Physical Address
304 North Cardinal St.
Dorchester Center, MA 02124
Physical Address
304 North Cardinal St.
Dorchester Center, MA 02124
→ Step-by-step guide for training YOLO-NAS object detection models in PyTorch using custom datasets.
Every year, new YOLO versions are published, and last I saw, there was something like YOLOv12. If you have used YOLO models before, you probably used models like YOLOv5, YOLOv8, or something like YOLOv{some number}.

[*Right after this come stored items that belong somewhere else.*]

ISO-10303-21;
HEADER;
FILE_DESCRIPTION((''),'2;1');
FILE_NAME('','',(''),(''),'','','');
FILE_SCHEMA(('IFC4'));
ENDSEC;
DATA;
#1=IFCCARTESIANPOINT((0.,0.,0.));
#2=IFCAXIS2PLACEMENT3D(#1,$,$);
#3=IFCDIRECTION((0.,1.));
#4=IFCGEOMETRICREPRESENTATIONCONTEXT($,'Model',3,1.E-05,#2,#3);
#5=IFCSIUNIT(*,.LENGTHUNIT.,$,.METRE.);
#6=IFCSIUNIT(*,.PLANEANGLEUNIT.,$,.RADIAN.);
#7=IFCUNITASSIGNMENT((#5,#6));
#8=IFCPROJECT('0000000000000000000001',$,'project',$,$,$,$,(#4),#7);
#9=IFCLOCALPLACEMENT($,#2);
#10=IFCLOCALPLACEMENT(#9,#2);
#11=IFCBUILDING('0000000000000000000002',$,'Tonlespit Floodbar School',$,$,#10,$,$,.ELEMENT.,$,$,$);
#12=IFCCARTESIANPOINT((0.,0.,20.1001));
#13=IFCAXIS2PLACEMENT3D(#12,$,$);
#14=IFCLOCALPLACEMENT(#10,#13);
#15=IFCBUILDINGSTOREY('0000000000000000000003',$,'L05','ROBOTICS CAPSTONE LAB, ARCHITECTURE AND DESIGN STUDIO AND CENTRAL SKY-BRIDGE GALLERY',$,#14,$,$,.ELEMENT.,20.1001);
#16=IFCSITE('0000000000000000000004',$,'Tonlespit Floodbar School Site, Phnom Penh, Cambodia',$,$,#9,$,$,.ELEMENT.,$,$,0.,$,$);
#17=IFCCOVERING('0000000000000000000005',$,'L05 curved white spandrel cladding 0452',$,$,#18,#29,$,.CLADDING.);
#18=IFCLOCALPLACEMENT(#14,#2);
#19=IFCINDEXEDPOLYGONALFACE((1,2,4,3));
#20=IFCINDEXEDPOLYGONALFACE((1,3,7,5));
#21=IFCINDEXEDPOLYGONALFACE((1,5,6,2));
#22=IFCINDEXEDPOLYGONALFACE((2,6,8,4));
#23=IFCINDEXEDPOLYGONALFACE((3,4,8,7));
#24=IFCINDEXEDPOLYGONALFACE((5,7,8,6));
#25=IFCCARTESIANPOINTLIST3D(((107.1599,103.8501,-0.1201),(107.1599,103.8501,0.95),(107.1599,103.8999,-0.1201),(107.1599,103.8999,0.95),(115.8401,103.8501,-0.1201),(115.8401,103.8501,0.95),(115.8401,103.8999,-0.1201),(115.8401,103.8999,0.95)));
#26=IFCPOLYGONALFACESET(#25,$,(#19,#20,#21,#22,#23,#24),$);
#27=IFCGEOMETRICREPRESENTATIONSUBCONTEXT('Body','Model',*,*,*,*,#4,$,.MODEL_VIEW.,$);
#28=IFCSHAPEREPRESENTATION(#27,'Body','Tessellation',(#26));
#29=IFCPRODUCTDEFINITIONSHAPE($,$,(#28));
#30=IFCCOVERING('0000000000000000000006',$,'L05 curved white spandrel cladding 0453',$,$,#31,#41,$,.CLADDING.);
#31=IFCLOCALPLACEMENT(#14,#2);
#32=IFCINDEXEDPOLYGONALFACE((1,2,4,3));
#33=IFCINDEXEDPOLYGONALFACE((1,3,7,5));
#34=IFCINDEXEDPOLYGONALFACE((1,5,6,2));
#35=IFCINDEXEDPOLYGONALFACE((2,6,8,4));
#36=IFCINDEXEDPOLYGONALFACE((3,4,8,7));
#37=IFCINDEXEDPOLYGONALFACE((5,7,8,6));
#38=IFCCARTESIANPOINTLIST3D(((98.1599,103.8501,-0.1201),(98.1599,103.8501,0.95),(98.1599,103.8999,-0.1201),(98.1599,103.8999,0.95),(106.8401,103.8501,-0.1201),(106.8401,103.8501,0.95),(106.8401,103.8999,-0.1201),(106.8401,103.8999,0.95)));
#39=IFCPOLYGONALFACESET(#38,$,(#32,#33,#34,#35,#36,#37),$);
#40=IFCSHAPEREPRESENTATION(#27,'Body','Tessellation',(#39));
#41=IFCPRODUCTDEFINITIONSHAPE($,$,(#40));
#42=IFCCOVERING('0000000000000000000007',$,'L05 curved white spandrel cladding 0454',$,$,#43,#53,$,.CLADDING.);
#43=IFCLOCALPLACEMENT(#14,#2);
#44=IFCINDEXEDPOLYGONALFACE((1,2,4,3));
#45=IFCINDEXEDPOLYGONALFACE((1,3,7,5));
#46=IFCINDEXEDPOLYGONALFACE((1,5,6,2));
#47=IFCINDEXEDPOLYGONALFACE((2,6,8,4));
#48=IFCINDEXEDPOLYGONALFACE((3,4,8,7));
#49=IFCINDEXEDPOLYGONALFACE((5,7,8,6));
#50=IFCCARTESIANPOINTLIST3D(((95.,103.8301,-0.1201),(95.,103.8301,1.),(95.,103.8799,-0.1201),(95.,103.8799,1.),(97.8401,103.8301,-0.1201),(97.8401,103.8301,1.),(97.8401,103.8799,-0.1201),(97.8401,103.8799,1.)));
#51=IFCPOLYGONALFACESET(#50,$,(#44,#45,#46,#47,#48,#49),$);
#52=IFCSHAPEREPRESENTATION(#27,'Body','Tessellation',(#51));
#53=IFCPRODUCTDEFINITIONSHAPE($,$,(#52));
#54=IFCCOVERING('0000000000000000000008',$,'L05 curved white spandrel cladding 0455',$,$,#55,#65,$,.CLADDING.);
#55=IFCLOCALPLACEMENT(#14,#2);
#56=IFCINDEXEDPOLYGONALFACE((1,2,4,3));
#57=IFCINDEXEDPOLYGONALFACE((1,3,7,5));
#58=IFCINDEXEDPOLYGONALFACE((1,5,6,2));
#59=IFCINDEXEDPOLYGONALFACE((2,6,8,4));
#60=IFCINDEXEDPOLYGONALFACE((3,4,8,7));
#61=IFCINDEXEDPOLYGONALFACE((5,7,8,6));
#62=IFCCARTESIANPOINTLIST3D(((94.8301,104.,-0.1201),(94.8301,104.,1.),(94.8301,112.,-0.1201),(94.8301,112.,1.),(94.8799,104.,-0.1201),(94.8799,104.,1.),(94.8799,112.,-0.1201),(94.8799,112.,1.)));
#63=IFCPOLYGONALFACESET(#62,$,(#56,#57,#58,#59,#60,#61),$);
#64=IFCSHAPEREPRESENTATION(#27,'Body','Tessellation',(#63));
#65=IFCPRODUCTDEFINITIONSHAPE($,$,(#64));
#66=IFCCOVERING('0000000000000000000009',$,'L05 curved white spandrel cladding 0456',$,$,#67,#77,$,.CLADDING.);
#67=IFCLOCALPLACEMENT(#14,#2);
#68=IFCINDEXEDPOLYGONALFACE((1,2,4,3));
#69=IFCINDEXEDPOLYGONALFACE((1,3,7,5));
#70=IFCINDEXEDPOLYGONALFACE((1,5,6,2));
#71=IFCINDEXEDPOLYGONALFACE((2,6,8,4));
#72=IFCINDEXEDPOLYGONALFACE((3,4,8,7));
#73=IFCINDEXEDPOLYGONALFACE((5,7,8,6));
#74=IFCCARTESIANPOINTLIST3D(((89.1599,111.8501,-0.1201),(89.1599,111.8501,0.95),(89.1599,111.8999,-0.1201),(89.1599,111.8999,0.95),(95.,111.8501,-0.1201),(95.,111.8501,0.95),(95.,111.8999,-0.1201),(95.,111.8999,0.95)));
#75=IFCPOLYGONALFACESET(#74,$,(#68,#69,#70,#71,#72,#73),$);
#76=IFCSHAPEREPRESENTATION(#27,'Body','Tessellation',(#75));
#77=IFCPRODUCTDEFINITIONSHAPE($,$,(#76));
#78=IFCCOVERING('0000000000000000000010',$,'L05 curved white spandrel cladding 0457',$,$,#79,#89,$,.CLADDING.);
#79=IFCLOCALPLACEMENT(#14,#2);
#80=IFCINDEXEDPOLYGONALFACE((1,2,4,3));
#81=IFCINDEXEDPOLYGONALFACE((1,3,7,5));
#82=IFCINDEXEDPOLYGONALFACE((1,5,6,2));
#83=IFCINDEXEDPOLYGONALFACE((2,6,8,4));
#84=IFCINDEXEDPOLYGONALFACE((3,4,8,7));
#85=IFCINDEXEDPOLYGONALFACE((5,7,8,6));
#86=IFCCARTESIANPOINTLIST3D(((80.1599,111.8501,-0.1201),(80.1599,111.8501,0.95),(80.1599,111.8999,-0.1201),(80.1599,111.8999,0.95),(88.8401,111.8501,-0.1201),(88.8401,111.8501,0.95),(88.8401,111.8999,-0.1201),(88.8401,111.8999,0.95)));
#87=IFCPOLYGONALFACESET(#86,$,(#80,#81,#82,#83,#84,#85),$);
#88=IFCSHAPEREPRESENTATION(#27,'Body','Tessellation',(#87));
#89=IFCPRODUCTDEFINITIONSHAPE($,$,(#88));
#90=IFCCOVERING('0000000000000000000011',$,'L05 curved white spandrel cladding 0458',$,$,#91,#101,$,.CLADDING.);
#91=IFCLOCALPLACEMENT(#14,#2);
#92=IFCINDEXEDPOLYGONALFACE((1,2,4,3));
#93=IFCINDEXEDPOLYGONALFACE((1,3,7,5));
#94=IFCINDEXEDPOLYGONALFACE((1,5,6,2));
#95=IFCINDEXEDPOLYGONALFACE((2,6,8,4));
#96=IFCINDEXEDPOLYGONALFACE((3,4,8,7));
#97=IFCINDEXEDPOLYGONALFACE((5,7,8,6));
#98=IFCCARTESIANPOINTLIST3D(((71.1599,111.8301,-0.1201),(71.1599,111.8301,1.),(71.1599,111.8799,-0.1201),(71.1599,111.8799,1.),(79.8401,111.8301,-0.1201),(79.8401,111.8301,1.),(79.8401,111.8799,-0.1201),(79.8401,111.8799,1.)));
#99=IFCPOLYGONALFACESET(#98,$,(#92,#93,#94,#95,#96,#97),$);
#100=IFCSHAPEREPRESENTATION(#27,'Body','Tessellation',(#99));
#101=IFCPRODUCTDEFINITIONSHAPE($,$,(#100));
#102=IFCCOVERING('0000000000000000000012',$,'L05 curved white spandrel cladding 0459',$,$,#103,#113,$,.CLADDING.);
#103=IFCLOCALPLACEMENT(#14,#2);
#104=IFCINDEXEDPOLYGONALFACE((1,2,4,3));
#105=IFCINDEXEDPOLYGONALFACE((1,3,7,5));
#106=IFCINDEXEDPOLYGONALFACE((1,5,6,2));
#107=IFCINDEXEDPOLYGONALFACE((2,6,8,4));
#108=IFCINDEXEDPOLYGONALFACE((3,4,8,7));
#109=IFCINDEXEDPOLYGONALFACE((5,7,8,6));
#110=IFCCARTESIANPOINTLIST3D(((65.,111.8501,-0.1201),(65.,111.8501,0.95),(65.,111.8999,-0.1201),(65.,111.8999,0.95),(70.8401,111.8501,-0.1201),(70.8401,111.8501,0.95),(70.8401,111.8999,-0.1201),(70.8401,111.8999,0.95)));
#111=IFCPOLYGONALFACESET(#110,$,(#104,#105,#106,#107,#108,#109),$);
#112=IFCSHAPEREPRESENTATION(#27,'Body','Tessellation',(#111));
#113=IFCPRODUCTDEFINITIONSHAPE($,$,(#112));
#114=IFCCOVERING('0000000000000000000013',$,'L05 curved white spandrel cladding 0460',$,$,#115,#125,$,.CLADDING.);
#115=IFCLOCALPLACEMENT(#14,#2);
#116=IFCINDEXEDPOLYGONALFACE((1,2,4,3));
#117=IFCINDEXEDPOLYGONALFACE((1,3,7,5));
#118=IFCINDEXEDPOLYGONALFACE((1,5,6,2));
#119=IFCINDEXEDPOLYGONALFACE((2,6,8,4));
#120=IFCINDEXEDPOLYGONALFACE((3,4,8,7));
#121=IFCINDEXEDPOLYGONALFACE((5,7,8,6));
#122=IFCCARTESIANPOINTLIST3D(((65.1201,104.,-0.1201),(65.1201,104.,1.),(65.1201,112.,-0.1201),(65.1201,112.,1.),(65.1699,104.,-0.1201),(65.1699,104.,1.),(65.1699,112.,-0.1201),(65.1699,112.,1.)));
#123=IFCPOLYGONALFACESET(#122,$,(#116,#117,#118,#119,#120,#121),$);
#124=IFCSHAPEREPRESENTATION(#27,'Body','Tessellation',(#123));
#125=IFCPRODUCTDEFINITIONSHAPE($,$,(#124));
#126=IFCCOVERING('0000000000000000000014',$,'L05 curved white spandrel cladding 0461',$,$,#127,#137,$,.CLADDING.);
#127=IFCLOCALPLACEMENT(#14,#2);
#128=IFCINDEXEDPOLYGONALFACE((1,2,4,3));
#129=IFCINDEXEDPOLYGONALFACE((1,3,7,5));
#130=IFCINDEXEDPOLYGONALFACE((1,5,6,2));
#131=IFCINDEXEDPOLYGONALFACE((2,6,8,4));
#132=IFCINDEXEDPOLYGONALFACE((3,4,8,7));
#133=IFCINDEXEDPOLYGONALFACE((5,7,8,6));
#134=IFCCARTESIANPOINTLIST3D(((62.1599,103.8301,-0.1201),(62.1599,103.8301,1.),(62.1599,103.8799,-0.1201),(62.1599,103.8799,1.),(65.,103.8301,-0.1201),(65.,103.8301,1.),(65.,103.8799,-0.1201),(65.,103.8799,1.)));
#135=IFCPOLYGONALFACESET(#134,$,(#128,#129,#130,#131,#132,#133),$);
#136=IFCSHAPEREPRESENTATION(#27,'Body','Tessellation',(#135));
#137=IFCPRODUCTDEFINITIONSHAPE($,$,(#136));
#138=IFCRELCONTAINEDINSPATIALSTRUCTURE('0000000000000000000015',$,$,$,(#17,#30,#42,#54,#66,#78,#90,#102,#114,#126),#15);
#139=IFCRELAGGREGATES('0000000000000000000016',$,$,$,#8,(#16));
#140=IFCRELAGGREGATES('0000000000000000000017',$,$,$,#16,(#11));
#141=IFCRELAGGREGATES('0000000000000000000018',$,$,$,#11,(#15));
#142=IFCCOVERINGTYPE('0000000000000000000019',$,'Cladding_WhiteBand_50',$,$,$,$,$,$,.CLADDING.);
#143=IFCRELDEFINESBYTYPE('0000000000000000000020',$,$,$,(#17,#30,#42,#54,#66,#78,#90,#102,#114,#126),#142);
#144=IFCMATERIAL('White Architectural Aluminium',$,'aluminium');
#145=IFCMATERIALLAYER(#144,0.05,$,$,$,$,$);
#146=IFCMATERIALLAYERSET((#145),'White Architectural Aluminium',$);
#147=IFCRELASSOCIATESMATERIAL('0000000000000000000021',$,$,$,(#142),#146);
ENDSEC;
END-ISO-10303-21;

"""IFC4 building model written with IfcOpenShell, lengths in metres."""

from ifc_helpers import new_model, si_unit, direction, frame, origin, place, context, subcontext, project, spatial, polyline, outline, extrude, material, layer, layer_set, type_object, element, save


model = new_model("IFC4")

# Units and contexts
model_context = context("Model", 3, precision=1e-05, world=origin(), true_north=direction((0.0, 1.0)))
body_context = subcontext(model_context, "Body", "Model", "MODEL_VIEW")
ifc_project = project(units=[si_unit("LENGTHUNIT", "METRE"), si_unit("PLANEANGLEUNIT", "RADIAN")], contexts=[model_context])

# Site, building, storey
site_placement = place(None, origin())
site = spatial("IfcSite", under=ifc_project, at=site_placement, Name="Tonlespit Floodbar School Site, Phnom Penh, Cambodia", CompositionType="ELEMENT", RefElevation=0.0)
building_placement = place(site_placement, origin())
building = spatial("IfcBuilding", under=site, at=building_placement, Name="Tonlespit Floodbar School", CompositionType="ELEMENT")
storey_placement = place(building_placement, frame((0.0, 0.0, 20.1001)))
storey = spatial("IfcBuildingStorey", under=building, at=storey_placement, Name="L05", Description="ROBOTICS CAPSTONE LAB, ARCHITECTURE AND DESIGN STUDIO AND CENTRAL SKY-BRIDGE GALLERY", CompositionType="ELEMENT", Elevation=20.1001)

# Coverings
ifc_material = material(Name="White Architectural Aluminium", Category="aluminium")
ifc_layer = layer(ifc_material, 0.05)
ifc_layer_set = layer_set([ifc_layer], Name="White Architectural Aluminium")
covering_type = type_object("IfcCoveringType", Name="Cladding_WhiteBand_50", PredefinedType="CLADDING", material=ifc_layer_set)
covering_1_placement = place(storey_placement, frame((0.0, 0.0, -0.1201)))
element("IfcCovering", 1, at=covering_1_placement, inside=storey, type_object=covering_type, Name="L05 curved white spandrel cladding 0452", PredefinedType="CLADDING", context=body_context, shape_type="SweptSolid", body=[
    extrude(outline(polyline([(115.8401, 103.8999), (107.1599, 103.8999), (107.1599, 103.8501), (115.8401, 103.8501), (115.8401, 103.8999)])), origin(), (0.0, 0.0, 1.0), 1.0701),
])
covering_2_placement = place(storey_placement, frame((0.0, 0.0, -0.1201)))
element("IfcCovering", 2, at=covering_2_placement, inside=storey, type_object=covering_type, Name="L05 curved white spandrel cladding 0453", PredefinedType="CLADDING", context=body_context, shape_type="SweptSolid", body=[
    extrude(outline(polyline([(106.8401, 103.8999), (98.1599, 103.8999), (98.1599, 103.8501), (106.8401, 103.8501), (106.8401, 103.8999)])), origin(), (0.0, 0.0, 1.0), 1.0701),
])
covering_3_placement = place(storey_placement, frame((0.0, 0.0, -0.1201)))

There are different YOLO models you probably haven’t heard about or have heard but haven’t used, like YOLOX and YOLO-NAS. Now, I will share with you my pipeline to train custom YOLO-NAS models and how to make predictions with the trained model.
YOLO-NAS has an important advantage compared to other YOLO variants, and it is licensing. If you are planning to use your YOLO model commercially, YOLO-NAS might be a good choice. I don’t want to give misinformation, but I know it has advantages. For better information, you can visit its Github page.
Now, I will train a model to show how the pipeline works. I chose a small dataset from Roboflow. You can randomly choose any dataset and follow this pipeline because the steps are the same. Don’t forget to export the dataset in COCO format.
I have a GPU supported PyTorch environment, and I will train my model locally on my computer. If you don’t have a GPU supported environment, you can use Kaggle or Google Colab, it will save a huge amount of time for you.
If you want to create a GPU-supported PyTorch environment, you can watch this video.
There are 6 main steps:
!pip install super_gradients
import torch
# Check if GPU is available
DEVICE = 'cuda' if torch.cuda.is_available() else "cpu"
# base directory
HOME="C:/ml_dl_cv_files/ObjectDetection-Yolo-TF-Models/Custom-YOLONAS-model"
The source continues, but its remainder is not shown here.